”The specification for our pointing accuracy is 9 milliarc seconds of drift over 15 minutes,” Troeltzsch says. That drift is only about 1/56th of the angle resolved by a good ground-based telescope. There aren’t many disturbances in space, except for the solar wind pushing up against Kepler ’s photovoltaic panels. To make sure the telescope doesn’t move, four CCDs in the camera monitor the position of 24 stars continuously. If those stars move in the field of view, a control system repositions the telescope.

Building a 1-meter-diameter telescope with a field of view 33 000 times as great as that of the Hubble Space Telescope was no easy undertaking, but that large field of view was absolutely necessary. Planetary orbits are randomly oriented in the sky. In order to see a transit, your line of sight must precisely match up with the plane of the orbit. The more stars you see, the more likely you are to find one with the right orbital plane. The array of CCDs in Kepler ’s camera form a focal plane of 900 square centimeters.

Behind that focal plane is a 0.5-meter box containing more than 20 000 electronic components. ”The difficulty was designing all those parts to be low noise and maintain performance in a radiation environment,” Troeltzsch says. ”It was eight years of putting designs together and seeing if they’d work.” Part of the solution was to operate the camera at –85 °C, which helped reduce the noise.

Once a month, Kepler will turn toward Earth to align a fixed high-gain antenna and transmit its data to NASA’s Deep Space Network (DSN). The DSN is an international network of antennas that supports the agency’s interplanetary spacecraft missions and radio and radar astronomy observations. Scientists at the Ames Research Center will then analyze the results to verify any possible planets. Kepler will also rotate once every 90 days to keep its solar panels directed at the sun.

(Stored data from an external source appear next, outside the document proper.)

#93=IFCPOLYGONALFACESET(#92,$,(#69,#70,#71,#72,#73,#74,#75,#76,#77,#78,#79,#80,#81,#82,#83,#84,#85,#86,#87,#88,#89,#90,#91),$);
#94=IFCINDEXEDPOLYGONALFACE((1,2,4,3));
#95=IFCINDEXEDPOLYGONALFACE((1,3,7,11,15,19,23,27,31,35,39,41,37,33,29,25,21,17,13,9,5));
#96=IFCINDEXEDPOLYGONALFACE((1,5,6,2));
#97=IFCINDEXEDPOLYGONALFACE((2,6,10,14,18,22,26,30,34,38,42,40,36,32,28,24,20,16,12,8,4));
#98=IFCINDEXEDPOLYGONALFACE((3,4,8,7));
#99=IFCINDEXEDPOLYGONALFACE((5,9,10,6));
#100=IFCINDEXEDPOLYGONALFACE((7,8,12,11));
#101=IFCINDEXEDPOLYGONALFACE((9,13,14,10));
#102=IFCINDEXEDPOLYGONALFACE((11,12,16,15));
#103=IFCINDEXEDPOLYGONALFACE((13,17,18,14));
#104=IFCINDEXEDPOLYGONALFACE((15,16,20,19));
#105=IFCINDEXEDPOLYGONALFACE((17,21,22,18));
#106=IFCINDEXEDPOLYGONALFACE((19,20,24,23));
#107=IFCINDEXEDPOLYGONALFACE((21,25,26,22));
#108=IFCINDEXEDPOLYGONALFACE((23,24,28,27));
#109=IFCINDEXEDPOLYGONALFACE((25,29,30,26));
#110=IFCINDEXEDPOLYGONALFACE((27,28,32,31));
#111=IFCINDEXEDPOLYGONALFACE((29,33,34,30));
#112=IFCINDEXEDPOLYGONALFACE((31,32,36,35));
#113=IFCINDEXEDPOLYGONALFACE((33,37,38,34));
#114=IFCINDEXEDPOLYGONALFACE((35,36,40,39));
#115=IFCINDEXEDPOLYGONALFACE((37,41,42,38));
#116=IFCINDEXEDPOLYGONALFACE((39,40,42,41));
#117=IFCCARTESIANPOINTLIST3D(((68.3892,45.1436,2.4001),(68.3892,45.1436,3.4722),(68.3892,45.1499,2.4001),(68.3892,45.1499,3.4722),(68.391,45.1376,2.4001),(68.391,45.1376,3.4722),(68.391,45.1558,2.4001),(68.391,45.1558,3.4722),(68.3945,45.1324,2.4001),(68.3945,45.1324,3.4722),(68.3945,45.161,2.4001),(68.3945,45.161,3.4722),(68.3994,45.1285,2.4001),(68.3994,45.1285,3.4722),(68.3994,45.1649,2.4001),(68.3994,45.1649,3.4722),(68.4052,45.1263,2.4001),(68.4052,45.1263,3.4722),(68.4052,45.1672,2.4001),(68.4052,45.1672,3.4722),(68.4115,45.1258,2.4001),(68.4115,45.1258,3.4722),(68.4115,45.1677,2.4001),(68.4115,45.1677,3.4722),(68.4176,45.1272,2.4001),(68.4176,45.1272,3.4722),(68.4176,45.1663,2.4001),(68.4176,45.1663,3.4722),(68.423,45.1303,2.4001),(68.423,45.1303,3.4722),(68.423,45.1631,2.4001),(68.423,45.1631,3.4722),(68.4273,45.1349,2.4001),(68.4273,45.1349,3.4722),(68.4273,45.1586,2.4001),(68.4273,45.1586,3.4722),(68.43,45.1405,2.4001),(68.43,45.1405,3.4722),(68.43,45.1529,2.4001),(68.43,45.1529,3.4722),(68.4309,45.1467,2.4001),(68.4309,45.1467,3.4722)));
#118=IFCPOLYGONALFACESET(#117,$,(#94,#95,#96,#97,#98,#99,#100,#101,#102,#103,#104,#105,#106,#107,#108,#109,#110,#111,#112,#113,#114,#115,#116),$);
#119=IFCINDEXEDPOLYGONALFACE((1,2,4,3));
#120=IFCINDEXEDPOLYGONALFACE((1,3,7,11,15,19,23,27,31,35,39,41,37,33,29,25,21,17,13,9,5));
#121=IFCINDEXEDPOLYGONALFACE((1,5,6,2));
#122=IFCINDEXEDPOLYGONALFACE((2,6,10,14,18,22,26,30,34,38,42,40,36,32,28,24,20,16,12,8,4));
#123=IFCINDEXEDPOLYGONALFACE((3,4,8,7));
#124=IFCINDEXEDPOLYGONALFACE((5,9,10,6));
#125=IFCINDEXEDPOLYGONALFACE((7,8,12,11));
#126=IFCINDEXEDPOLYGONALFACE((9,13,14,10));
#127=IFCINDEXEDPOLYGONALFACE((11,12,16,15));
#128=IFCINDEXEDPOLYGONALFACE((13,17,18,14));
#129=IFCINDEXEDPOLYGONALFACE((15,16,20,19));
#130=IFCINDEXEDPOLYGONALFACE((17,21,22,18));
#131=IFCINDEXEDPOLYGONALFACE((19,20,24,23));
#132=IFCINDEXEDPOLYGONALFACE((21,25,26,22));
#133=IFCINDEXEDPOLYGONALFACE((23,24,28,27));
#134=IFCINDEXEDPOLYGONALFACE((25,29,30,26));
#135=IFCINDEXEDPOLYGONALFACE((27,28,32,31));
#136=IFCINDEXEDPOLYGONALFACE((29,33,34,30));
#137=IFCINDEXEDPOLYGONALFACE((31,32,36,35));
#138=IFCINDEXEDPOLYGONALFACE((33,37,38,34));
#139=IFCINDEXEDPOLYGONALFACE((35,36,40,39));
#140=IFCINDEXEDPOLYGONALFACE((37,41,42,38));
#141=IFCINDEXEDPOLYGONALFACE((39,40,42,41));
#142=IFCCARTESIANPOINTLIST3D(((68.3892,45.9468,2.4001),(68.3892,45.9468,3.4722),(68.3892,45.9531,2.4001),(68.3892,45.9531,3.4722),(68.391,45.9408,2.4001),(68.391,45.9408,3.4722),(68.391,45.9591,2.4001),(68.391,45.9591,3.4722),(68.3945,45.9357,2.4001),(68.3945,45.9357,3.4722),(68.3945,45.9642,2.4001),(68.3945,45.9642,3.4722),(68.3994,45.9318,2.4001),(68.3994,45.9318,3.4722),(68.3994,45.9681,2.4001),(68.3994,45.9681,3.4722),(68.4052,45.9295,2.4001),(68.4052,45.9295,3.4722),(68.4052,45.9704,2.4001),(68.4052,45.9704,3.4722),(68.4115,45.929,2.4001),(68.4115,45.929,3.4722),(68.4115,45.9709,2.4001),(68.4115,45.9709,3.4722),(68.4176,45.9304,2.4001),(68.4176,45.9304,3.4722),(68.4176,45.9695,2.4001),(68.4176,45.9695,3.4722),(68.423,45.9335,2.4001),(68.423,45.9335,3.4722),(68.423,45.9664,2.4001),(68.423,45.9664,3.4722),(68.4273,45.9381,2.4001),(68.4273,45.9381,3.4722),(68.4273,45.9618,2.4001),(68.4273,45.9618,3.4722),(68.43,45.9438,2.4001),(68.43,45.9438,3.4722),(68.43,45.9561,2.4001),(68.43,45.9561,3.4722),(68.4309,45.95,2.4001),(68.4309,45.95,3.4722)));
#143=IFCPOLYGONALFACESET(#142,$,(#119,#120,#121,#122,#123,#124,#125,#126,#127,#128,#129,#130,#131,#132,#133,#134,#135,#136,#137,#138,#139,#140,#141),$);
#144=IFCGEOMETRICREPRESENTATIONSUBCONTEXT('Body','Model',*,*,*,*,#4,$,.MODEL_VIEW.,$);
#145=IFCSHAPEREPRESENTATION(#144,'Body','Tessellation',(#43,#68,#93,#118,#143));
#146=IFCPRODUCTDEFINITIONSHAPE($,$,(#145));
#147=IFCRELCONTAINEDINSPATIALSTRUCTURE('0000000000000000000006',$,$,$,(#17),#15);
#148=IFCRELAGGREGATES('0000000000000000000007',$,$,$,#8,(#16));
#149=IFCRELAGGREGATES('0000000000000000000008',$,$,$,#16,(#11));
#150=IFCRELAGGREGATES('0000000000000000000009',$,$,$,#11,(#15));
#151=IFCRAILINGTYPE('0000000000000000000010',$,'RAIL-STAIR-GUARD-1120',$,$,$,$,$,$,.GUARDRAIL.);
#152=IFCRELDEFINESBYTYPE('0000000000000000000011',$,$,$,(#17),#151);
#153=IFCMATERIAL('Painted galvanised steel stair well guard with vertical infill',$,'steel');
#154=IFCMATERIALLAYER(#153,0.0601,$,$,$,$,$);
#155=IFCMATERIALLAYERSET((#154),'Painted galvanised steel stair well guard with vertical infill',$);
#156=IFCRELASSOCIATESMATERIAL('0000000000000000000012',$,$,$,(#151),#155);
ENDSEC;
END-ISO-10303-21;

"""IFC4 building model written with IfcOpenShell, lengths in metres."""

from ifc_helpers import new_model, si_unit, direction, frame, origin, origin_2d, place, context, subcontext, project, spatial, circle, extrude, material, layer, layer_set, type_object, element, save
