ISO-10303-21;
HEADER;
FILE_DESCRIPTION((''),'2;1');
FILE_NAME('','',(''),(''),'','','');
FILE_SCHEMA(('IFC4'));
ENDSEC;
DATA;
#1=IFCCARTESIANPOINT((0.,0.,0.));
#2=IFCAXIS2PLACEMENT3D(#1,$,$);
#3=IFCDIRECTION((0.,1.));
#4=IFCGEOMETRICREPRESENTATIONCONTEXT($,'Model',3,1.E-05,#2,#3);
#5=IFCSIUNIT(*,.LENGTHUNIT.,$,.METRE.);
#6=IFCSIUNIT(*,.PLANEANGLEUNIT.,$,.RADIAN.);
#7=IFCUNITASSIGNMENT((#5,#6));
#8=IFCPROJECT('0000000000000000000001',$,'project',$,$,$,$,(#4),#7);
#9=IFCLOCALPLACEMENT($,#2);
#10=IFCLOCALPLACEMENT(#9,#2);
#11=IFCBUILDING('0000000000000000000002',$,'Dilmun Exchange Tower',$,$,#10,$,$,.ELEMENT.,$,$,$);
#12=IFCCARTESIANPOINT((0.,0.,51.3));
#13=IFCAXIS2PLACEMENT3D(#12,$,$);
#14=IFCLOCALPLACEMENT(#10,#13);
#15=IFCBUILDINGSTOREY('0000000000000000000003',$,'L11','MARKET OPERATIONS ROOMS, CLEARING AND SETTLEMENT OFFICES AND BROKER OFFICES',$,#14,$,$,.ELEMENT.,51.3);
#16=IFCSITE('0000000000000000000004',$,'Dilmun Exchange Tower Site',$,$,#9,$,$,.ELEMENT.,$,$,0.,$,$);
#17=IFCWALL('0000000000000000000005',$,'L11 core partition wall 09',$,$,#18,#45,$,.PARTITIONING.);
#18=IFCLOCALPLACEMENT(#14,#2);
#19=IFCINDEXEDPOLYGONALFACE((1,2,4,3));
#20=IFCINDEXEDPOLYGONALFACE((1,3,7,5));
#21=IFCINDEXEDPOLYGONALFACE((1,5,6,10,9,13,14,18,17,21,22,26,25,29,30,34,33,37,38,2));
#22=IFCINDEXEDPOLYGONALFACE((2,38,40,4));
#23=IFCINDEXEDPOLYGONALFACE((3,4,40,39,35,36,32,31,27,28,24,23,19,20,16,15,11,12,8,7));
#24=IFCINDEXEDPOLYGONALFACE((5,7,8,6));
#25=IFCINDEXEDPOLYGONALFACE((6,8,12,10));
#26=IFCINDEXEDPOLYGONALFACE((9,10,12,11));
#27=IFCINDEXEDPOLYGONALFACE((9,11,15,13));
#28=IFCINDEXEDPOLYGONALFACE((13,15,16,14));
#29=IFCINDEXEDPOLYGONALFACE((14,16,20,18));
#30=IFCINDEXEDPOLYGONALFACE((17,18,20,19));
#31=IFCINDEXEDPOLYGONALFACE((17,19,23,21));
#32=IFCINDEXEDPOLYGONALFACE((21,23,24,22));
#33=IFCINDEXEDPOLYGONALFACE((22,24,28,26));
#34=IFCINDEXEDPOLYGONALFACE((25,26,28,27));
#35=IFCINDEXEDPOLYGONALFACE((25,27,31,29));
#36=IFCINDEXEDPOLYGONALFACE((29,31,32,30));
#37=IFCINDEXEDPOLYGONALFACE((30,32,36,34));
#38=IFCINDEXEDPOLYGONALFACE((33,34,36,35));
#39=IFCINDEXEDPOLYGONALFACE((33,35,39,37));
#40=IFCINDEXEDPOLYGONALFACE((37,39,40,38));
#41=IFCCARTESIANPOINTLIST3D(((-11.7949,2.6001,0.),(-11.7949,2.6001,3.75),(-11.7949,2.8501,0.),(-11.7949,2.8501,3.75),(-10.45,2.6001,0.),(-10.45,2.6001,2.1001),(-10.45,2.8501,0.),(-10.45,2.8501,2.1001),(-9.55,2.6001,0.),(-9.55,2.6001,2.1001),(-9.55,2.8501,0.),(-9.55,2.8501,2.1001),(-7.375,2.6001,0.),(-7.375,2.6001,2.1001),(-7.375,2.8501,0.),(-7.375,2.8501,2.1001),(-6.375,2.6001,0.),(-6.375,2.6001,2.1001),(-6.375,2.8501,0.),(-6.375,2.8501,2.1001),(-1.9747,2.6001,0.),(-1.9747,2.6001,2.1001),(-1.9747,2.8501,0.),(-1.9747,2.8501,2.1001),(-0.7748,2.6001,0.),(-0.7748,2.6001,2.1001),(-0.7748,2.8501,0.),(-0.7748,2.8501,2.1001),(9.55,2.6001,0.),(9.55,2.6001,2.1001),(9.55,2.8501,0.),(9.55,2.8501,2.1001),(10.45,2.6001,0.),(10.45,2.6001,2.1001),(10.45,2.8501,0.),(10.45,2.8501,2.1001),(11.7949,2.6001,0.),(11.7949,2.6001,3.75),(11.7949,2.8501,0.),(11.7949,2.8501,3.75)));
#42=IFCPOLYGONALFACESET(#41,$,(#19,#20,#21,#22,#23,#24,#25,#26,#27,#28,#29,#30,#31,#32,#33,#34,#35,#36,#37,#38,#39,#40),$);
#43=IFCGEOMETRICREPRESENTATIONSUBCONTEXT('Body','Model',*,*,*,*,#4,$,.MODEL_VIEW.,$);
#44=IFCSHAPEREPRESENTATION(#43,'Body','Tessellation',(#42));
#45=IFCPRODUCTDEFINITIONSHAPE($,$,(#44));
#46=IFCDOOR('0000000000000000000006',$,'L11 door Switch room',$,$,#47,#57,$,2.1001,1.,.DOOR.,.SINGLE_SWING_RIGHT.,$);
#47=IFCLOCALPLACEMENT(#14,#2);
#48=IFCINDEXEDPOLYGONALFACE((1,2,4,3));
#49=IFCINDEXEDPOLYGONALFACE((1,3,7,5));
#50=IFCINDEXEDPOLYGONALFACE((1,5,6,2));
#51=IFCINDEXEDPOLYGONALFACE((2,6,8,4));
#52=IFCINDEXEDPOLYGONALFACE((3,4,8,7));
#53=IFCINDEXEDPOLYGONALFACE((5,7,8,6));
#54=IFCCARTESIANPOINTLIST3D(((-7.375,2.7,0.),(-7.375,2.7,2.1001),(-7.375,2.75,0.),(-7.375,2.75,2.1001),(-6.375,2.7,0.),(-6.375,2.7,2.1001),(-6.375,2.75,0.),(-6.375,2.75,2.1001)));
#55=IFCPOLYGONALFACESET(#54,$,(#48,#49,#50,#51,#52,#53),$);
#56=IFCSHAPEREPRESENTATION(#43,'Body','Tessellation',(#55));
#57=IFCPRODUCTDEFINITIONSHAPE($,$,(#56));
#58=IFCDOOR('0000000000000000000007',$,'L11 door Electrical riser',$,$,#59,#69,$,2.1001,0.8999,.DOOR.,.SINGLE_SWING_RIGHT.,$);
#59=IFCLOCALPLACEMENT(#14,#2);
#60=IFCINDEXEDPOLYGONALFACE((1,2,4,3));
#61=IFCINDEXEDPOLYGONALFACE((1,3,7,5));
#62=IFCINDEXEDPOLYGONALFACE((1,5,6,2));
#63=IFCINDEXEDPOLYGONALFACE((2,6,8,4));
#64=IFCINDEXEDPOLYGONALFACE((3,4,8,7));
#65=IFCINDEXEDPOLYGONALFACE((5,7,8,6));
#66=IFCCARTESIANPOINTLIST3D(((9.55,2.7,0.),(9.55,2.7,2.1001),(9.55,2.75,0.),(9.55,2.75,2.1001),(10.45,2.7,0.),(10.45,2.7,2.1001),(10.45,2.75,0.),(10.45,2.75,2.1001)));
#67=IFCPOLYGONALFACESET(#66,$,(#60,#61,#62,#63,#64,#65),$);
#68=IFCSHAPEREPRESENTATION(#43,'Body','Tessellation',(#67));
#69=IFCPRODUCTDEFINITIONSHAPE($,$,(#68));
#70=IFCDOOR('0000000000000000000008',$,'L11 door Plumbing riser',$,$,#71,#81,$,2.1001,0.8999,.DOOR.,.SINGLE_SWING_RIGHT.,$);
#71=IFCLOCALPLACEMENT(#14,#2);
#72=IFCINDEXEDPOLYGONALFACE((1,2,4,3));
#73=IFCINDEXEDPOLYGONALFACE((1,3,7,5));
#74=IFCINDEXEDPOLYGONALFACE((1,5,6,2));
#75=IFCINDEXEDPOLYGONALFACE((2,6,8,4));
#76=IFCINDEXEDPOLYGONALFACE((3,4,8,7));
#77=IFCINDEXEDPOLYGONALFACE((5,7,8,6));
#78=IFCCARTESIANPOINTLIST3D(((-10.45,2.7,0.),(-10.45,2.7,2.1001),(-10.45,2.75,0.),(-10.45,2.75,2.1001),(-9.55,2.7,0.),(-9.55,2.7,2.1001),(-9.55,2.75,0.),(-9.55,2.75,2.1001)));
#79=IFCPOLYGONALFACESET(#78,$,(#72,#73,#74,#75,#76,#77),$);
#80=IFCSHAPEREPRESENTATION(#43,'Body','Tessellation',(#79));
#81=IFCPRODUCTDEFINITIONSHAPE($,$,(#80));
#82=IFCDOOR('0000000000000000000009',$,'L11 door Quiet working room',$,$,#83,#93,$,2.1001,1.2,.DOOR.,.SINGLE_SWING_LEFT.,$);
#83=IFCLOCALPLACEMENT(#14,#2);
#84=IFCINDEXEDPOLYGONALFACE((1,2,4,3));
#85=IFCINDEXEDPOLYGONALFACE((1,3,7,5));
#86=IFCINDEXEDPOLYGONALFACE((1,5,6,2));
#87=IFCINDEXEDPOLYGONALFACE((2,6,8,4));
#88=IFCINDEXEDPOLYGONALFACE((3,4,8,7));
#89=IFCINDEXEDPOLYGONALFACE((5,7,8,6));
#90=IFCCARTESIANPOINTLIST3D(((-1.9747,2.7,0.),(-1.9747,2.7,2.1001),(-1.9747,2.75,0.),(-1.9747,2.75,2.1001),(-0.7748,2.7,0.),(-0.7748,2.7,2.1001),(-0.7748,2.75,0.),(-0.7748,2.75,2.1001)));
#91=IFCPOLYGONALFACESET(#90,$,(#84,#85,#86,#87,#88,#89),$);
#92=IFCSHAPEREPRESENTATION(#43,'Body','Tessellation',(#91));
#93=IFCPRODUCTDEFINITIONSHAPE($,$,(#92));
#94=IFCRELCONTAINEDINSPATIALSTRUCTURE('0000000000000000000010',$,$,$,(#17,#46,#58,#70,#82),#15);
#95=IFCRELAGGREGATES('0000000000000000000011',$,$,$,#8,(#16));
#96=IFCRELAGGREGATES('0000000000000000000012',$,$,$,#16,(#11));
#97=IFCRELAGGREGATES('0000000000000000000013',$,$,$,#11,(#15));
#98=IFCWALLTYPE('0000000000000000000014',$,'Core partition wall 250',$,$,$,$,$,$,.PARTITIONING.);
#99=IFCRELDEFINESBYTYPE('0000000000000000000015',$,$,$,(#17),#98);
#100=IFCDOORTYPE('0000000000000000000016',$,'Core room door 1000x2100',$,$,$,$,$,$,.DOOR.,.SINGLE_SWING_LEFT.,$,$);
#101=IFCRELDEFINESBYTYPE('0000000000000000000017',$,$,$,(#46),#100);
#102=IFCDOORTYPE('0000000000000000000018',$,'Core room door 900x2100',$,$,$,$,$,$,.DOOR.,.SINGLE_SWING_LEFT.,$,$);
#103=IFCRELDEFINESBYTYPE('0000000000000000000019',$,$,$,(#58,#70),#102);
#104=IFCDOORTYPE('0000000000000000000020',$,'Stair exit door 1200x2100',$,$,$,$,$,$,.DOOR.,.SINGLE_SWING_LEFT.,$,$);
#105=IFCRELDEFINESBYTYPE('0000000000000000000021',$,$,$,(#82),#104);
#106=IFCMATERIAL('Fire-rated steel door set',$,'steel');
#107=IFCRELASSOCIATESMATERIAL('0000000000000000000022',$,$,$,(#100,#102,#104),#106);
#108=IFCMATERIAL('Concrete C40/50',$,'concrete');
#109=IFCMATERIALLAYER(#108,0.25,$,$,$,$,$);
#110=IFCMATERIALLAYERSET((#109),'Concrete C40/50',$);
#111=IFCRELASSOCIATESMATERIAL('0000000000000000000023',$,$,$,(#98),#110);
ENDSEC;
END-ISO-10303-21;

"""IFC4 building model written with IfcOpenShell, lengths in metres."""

from ifc_helpers import new_model, si_unit, direction, frame, frame_2d, origin, place, context, subcontext, project, spatial, rectangle, extrude, material, layer, layer_set, type_object, element, fill, save


model = new_model("IFC4")

# Units and contexts
model_context = context("Model", 3, precision=1e-05, world=origin(), true_north=direction((0.0, 1.0)))
body_context = subcontext(model_context, "Body", "Model", "MODEL_VIEW")
ifc_project = project(units=[si_unit("LENGTHUNIT", "METRE"), si_unit("PLANEANGLEUNIT", "RADIAN")], contexts=[model_context])

# Site, building, storey
site_placement = place(None, origin())
site = spatial("IfcSite", under=ifc_project, at=site_placement, Name="Dilmun Exchange Tower Site", CompositionType="ELEMENT", RefElevation=0.0)
building_placement = place(site_placement, origin())
building = spatial("IfcBuilding", under=site, at=building_placement, Name="Dilmun Exchange Tower", CompositionType="ELEMENT")
storey_placement = place(building_placement, frame((0.0, 0.0, 51.3)))
storey = spatial("IfcBuildingStorey", under=building, at=storey_placement, Name="L11", Description="MARKET OPERATIONS ROOMS, CLEARING AND SETTLEMENT OFFICES AND BROKER OFFICES", CompositionType="ELEMENT", Elevation=51.3)

# Shared definitions
ifc_material_1 = material(Name="Concrete C40/50", Category="concrete")

# Shared definitions
ifc_material_2 = material(Name="Fire-rated steel door set", Category="steel")
door_type_1 = type_object("IfcDoorType", Name="Core room door 1000x2100", OperationType="SINGLE_SWING_LEFT", PredefinedType="DOOR", material=ifc_material_2)

# Wall, openings, doors
ifc_layer_1 = layer(ifc_material_1, 0.25)
ifc_layer_set_1 = layer_set([ifc_layer_1], Name="Concrete C40/50")
wall_type_1 = type_object("IfcWallType", Name="Core partition wall 250", PredefinedType="PARTITIONING", material=ifc_layer_set_1)
wall_1_placement = place(storey_placement, frame((-11.7949, 2.7251, 0.0), z_axis=(0.0, 0.0, 1.0), x_axis=(1.0, 0.0, 0.0)))
wall_1 = element("IfcWall", 1, at=wall_1_placement, inside=storey, type_object=wall_type_1, Name="L11 core partition wall 09", PredefinedType="PARTITIONING", context=body_context, shape_type="SweptSolid", body=[
    extrude(rectangle(XDim=23.5898, YDim=0.25, at=frame_2d((11.7949, 0.0))), origin(), (0.0, 0.0, 1.0), 3.75),
])
opening_1_placement = place(wall_1_placement, frame((21.345, 0.0, 0.0)))
opening_1 = element("IfcOpeningElement", 2, at=opening_1_placement, cuts=wall_1, PredefinedType="OPENING", context=body_context, shape_type="SweptSolid", body=[
    extrude(rectangle(XDim=0.8999, YDim=2.1001, at=frame_2d((0.45, 1.05))), frame((0.0, 0.135, 0.0), z_axis=(0.0, -1.0, 0.0), x_axis=(1.0, 0.0, 0.0)), (0.0, 0.0, 1.0), 0.27),
])
opening_2_placement = place(wall_1_placement, frame((1.345, 0.0, 0.0)))
opening_2 = element("IfcOpeningElement", 3, at=opening_2_placement, cuts=wall_1, PredefinedType="OPENING", context=body_context, shape_type="SweptSolid", body=[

Planet hunting has been around for more than a decade, but it’s been done mostly from the ground. Kepler isn’t even the first spacecraft to search for planets. In 2006, the French space agency, CNES, launched the Convection Rotation and Planetary Transits (COROT) mission, but it was never expected to find Earth-like planets. Unlike Kepler , COROT orbits Earth, which partly obscures the view of the sky from the craft. This means that COROT can observe a patch of sky for only weeks at a time, not years. ”In order to have a firm detection of a planet, we need to see at least three orbits so we can verify that we see a body moving in a fixed orbital period,” Fanson says. ”To find planets like Earth, which take a year to go around a star, you need to observe the same stars for three to four years.” Also, compared with Kepler, COROT is much smaller, less sensitive, and has a smaller field of view.

Fanson, Duren, and Troeltzsch say that even if Kepler finds no Earth-like planets, that itself will be a monumental discovery—the fact that planets like ours are rare. But the researchers don’t think that will be the case.

”I’m an optimist, and I hope the galaxy is filled with many Earth-like planets,” Fanson says, adding that the Kepler mission is the highlight of his long career at the agency.

”I’ve been working for NASA for 25 years and have been involved in many exciting missions, including being on the team that fixed the Hubble Space Telescope,” Fanson says. ”But this is the most exciting one, because we have the chance to answer a question that has been in the minds of people for as long as we have records.”